Given an empirical distribution $$\hat{p}(x)$$ whose samples are binary $$x \in \sset{0, 1}^n$$, the VAE objective is

\begin{align} \Expect_{\hat{p}(x)} \ln p_\theta(x) &\ge \Expect_{\hat{p}(x)} \bigg[\ln p_\theta(x) - \KL{q_\phi(z \giv x)}{p_\theta(z \giv x)}\bigg]\\ &= \Expect_{\hat{p}(x)} \bigg[\Expect_{q_\phi(z \giv x)} \ln p_\theta(x \giv z)\bigg] - \KL{q_\phi(z \giv x)}{p(z)}. \end{align}

If $$p_\theta(x \giv z)$$ is furthermore a fully-factorized Bernoulli observation model, then the distribution can be expressed as

\begin{align} p_\theta(x \giv z) = \prod_i p_\theta(x_i \giv z) = \prod_i \Ber(x_i \giv \pi_i(z \scolon \theta)), \end{align}

where $$\pi: \Z \to [0, 1]^n$$ is a neural network parameterized by $$\theta$$. As preparation for the next section, we shall—with a slight abuse of notation—also define

\begin{align} p(x \giv \pi) = \prod_i p(x_i \giv \pi_i) = \prod_i \Ber(x_i \giv \pi_i), \end{align}

where $$\pi \in [0, 1]^n$$.

## Applying Bernoulli VAE to Real-Valued Samples

Suppose we have a distribution over $$r(\pi)$$, and $$\hat{p}(x)$$ is in fact the marginalization of $$r(\pi)p(x \giv \pi)$$. This is the case for MNIST, where the real-valued samples are interpreted as observations of $$\pi$$. This allows us to construct the objective as

\begin{align} \Expect_{\hat{p}(x)} \ln p_\theta(x) \ge \Expect_{r(\pi)}\Expect_{p(x \giv \pi)} \bigg[\ln p_\theta(x) - \KL{q_\phi(z \giv x)}{p_\theta(z \giv x)}\bigg]. \end{align}

It turns out there is another equally valid lower bound

\begin{align}\label{eq:bad} \Expect_{\hat{p}(x)} \ln p_\theta(x) \ge \Expect_{r(\pi)}\Expect_{p(x \giv \pi)} \bigg[\ln p_\theta(x) - \KL{q_\phi(z \giv \pi)}{p_\theta(z \giv x)}\bigg]. \end{align}

However, since $$q_\phi(z \giv \pi)$$ does not have access to $$x$$, it is unlikely to give a better approximation of $$p_\theta(z \giv x)$$ than the previous equation.
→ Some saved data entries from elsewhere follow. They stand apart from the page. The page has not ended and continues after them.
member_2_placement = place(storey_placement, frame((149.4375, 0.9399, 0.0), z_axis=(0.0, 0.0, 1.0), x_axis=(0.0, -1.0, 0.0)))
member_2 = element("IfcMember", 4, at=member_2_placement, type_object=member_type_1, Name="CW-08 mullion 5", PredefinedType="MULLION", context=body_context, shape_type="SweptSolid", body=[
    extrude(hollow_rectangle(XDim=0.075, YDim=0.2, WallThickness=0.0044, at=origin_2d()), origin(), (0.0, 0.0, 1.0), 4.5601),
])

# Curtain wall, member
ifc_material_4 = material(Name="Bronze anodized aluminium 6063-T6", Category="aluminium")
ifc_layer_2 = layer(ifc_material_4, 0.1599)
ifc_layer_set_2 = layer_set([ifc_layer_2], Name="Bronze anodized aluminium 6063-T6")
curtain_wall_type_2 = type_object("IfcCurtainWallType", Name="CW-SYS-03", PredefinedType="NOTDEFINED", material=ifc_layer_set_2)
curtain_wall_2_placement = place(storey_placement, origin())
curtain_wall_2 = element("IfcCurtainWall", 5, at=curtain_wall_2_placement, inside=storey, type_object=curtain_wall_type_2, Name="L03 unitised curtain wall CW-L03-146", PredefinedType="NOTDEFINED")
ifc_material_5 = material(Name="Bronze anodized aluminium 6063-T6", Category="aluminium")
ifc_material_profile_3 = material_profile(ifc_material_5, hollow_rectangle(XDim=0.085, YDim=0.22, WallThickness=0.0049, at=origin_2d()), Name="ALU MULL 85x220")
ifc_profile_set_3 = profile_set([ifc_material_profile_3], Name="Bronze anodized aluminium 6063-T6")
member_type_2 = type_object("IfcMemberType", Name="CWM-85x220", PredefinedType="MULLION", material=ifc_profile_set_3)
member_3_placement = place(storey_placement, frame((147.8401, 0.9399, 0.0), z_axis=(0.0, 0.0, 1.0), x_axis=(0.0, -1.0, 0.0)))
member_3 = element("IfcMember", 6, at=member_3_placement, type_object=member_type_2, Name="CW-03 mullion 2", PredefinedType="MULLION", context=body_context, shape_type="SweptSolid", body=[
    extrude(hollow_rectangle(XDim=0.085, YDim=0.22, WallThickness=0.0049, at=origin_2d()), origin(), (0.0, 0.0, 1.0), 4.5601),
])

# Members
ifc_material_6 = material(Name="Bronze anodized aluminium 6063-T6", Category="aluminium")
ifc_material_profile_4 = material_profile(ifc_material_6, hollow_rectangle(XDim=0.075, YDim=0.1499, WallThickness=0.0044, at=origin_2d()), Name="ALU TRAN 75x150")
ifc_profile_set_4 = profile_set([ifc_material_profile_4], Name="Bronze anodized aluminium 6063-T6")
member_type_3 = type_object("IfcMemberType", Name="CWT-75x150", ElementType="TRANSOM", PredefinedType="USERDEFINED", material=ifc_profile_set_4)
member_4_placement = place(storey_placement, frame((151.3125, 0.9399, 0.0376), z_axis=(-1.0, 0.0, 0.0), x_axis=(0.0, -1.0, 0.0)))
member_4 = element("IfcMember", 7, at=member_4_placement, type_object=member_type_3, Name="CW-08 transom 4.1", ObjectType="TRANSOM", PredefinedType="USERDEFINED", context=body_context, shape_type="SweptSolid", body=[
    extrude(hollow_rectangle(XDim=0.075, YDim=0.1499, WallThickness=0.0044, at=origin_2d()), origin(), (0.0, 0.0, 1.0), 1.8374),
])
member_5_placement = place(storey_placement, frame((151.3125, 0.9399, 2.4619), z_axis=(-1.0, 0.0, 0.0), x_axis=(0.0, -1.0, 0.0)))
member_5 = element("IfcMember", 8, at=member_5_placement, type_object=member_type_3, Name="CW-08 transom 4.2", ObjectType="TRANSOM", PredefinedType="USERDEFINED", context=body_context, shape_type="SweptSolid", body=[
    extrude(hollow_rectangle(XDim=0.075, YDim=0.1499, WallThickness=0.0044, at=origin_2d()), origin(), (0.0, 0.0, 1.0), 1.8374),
Consequently, it is likely to be a looser bound (which can be verified empirically). A bit of tedious algebra shows that the objective is equivalent to

\begin{align} \Expect_{r(\pi)}&\Expect_{p(x \giv \pi)} \bigg[\ln p_\theta(x) - \KL{q_\phi(z \giv \pi)}{p_\theta(z \giv x)}\bigg] \\ &= \Expect_{r(\pi)}\bigg[\Expect_{p(x \giv \pi)}\bigg[\Expect_{q_\phi(z \giv \pi)} \ln p_\theta(x \giv z) \bigg] - \KL{q_\phi(z \giv \pi)}{p(z)} \bigg] \\ &= \Expect_{r(\pi)}\bigg[\Expect_{q_\phi(z \giv \pi)}\bigg[\Expect_{p(x \giv \pi)} \sum_i \ln p_\theta(x_i \giv z) \bigg] - \KL{q_\phi(z \giv \pi)}{p(z)} \bigg] \\ &= \Expect_{r(\pi)}\bigg[\Expect_{q_\phi(z \giv \pi)}\sum_i \bigg[\Expect_{p(x_i \giv \pi_i)} \ln p_\theta(x_i \giv z) \bigg] - \KL{q_\phi(z \giv \pi)}{p(z)} \bigg] \\ \end{align}

where the inner-most term is exactly the sum of element-wise cross-entropy terms, where each cross-entropy term is

\begin{align} \Expect_{p(x_i \giv \pi_i)} \ln p_\theta(x_i \giv z) = \pi_i \ln \pi_i(z\scolon \theta) + (1 - \pi_i) \ln (1 - \pi_i(z\scolon \theta)). \end{align}

Note that this is exactly the application of Bernoulli observation VAEs to real-valued samples. So long as the real-valued samples can be interpreted as the Bernoulli distribution parameters, then this lower bound is valid. However, as noted above, this lower bound tends to be looser.